3-Bromotetrahydro-4H-pyran-4-one appears as a slightly off-white powder—a manageable and storable material ready for lab use. With a molecular formula of C5H7BrO2 and a molar mass settling close to 195.01 g/mol, the structure allows for modification without excess fuss or waste. The bromine substituent at the third position doesn’t just sit idly for halogen exchange; it opens the door to subtle control in downstream reactions, making it a smart go-to for those tired of less cooperative groups.
Anyone who’s ever worked with fragile starting materials knows the frustration of shelf-life issues and unpredictable reactivity. In contrast, this compound delivers reliable stability under common lab storage. There’s nothing flashy in its appearance or handling, just the sort of straightforward dependability that invites confidence with each use.

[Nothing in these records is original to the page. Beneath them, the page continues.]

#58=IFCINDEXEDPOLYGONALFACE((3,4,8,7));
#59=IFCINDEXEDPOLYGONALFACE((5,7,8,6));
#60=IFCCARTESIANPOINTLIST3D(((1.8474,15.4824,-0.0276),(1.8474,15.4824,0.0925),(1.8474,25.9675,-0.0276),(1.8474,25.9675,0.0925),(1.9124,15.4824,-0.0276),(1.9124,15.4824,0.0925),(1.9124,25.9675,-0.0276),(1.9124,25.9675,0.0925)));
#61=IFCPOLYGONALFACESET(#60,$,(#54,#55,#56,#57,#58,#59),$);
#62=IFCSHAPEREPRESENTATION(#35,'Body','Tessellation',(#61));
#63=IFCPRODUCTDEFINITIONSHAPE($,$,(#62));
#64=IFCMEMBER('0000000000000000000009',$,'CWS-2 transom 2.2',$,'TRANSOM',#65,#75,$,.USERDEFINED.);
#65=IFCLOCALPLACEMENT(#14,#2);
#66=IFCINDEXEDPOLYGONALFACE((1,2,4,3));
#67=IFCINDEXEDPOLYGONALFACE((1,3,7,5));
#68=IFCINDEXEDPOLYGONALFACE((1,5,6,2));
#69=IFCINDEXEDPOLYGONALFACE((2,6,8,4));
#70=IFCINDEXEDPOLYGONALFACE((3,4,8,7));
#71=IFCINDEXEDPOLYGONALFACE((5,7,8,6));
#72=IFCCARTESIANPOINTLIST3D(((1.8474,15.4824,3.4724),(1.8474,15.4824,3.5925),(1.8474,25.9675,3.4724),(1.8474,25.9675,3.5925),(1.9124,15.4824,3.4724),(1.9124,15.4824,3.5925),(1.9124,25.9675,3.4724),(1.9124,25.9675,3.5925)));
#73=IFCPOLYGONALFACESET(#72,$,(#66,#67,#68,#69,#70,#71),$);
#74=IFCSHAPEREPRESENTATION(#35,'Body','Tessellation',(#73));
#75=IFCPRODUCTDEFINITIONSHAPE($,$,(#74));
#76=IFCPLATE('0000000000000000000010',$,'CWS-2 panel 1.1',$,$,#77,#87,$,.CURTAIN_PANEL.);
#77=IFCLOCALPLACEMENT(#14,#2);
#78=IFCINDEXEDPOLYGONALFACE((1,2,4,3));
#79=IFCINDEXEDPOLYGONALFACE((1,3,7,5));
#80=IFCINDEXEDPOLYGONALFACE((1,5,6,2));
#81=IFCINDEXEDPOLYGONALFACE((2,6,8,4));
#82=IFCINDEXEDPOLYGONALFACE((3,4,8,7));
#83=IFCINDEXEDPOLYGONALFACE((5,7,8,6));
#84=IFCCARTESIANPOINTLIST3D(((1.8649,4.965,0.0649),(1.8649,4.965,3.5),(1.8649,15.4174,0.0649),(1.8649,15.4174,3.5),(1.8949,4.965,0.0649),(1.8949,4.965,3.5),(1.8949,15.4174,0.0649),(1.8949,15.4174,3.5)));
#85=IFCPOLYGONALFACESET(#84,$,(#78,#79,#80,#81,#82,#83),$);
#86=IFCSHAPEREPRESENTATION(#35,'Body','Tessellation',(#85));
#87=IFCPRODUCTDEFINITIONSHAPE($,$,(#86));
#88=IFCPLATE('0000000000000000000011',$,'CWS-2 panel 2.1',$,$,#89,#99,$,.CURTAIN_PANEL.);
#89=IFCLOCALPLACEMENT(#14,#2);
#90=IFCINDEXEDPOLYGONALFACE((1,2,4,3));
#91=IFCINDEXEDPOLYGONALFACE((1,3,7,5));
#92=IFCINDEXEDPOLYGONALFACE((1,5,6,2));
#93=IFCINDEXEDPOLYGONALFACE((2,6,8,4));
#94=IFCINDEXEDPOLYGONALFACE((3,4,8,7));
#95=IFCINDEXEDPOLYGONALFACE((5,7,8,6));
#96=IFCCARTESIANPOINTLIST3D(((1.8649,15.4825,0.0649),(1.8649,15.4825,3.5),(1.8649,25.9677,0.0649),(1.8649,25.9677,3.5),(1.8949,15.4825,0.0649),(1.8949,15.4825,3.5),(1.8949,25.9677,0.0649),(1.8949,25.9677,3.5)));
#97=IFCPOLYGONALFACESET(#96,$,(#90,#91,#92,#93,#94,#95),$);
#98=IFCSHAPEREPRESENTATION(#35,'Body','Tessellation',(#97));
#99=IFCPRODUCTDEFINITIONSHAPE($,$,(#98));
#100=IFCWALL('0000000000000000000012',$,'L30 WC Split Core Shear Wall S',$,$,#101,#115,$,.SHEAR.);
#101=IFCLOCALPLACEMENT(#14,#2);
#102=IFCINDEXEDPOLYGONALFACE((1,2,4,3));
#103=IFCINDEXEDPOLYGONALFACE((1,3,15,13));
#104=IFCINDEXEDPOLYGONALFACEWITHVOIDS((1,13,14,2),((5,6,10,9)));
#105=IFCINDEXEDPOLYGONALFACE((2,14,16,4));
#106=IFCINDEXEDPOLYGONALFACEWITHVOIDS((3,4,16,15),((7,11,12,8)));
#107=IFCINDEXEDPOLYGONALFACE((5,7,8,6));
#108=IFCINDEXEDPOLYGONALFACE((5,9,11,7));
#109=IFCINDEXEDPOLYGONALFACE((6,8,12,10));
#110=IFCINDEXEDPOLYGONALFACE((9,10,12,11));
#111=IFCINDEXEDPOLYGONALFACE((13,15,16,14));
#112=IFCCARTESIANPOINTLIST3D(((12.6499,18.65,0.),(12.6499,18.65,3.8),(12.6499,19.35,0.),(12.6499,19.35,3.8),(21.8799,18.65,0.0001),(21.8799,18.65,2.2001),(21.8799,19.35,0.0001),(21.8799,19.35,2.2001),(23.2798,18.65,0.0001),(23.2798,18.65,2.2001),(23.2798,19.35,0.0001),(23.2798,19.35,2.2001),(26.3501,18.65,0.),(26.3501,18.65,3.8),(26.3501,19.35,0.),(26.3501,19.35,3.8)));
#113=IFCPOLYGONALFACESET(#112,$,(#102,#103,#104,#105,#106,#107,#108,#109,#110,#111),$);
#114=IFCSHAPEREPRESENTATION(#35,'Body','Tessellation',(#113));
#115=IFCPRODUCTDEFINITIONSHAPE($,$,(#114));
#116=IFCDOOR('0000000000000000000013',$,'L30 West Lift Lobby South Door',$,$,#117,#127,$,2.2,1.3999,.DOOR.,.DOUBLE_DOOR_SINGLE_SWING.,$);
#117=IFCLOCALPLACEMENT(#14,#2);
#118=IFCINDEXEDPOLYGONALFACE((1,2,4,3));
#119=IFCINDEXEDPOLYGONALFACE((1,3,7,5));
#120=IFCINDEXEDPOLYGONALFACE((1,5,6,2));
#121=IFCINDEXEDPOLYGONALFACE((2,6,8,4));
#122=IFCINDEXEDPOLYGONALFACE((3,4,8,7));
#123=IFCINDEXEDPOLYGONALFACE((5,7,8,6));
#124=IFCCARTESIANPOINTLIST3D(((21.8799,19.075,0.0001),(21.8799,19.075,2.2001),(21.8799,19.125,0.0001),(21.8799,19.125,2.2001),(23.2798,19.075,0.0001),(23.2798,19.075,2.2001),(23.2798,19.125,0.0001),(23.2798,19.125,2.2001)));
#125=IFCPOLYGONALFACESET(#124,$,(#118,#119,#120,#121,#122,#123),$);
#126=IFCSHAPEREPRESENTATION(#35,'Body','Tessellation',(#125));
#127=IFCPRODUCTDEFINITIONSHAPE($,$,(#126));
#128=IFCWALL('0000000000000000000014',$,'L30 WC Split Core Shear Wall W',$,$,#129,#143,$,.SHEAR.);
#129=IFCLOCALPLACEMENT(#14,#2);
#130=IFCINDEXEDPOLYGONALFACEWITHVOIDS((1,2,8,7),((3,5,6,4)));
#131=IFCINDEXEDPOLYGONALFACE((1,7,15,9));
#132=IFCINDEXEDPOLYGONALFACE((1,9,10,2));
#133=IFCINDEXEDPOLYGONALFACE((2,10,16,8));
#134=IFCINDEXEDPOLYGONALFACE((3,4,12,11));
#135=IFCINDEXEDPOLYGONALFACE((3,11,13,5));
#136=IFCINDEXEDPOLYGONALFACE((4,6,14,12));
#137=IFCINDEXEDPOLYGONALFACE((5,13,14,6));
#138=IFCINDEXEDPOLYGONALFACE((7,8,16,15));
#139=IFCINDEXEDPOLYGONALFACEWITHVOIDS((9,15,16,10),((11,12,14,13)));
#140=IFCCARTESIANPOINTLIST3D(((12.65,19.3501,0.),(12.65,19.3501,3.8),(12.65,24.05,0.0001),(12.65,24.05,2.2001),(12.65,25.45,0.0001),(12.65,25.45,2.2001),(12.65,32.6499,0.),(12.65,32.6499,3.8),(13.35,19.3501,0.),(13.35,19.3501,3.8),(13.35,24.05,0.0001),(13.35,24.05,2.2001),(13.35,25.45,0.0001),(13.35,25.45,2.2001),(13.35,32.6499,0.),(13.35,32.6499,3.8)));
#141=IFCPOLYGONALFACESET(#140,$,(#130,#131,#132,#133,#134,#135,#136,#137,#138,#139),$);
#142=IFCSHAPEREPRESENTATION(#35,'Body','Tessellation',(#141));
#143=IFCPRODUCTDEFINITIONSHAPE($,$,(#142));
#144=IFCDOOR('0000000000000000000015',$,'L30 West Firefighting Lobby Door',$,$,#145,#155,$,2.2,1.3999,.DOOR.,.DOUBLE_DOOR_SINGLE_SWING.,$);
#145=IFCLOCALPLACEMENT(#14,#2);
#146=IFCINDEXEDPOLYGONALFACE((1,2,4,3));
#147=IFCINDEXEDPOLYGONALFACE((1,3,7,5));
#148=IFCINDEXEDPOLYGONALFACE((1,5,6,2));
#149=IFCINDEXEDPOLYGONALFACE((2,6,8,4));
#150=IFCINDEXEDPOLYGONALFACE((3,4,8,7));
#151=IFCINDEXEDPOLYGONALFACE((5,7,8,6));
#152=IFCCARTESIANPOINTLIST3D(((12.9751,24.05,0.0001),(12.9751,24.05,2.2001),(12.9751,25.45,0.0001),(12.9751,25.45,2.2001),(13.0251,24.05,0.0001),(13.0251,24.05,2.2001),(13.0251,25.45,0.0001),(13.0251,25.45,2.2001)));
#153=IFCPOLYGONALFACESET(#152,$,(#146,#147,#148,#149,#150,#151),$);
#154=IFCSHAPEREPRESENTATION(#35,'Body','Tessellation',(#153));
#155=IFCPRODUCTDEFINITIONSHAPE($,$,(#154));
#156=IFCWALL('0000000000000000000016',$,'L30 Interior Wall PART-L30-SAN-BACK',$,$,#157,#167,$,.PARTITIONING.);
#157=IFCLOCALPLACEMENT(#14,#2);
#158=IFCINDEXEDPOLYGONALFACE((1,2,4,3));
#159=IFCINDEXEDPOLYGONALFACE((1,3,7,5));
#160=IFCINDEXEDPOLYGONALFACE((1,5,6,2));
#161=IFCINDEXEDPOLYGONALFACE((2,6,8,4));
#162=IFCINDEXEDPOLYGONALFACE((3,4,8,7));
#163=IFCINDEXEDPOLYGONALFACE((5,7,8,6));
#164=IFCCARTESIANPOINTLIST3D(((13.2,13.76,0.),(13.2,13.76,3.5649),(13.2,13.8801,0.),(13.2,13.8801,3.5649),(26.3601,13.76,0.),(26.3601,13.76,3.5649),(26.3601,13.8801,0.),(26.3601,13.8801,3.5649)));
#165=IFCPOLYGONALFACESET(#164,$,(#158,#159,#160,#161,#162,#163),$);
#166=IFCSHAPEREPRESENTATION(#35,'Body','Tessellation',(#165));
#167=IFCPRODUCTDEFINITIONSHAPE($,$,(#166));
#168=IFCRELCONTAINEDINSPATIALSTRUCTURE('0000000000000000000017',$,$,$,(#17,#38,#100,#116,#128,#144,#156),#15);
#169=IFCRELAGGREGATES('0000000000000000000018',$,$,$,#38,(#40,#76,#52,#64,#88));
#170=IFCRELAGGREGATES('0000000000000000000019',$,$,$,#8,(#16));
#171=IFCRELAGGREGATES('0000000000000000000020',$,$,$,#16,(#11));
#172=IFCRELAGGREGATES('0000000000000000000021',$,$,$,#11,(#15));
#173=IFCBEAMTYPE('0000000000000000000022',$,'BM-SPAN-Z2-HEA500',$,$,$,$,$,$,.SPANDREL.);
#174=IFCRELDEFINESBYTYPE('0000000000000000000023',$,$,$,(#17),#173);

Few building blocks match the adaptability of the pyranone core. At its heart, the 4H-pyran-4-one skeleton supports a range of transformations. Adding a bromine at the third carbon is more than a cosmetic tweak; it’s a game-changer for chemoselectivity. Chemists exploring nucleophilic displacement, Suzuki coupling, or halogen exchange steps often look to this molecule to streamline workflows that would otherwise get bogged down by unwanted side reactions.
Researchers in pharmaceutical labs keep searching for that sweet spot—reactivity balanced against selectivity. This compound supplies just that. For me, using 3-bromotetrahydro-4H-pyran-4-one meant I could move past some of the less predictable intermediates, making synthetic routes shorter and more cost-efficient.
Drug discovery rarely follows a straight line, yet the foundation remains the consistent search for chemical diversity in lead molecules. The tetrahydropyran motif pops up frequently in patented pharmaceutical agents and natural product analogs. The bromine handle enables custom-tailored derivatives—a simple switch can yield analogues with unmatched selectivity in screenings.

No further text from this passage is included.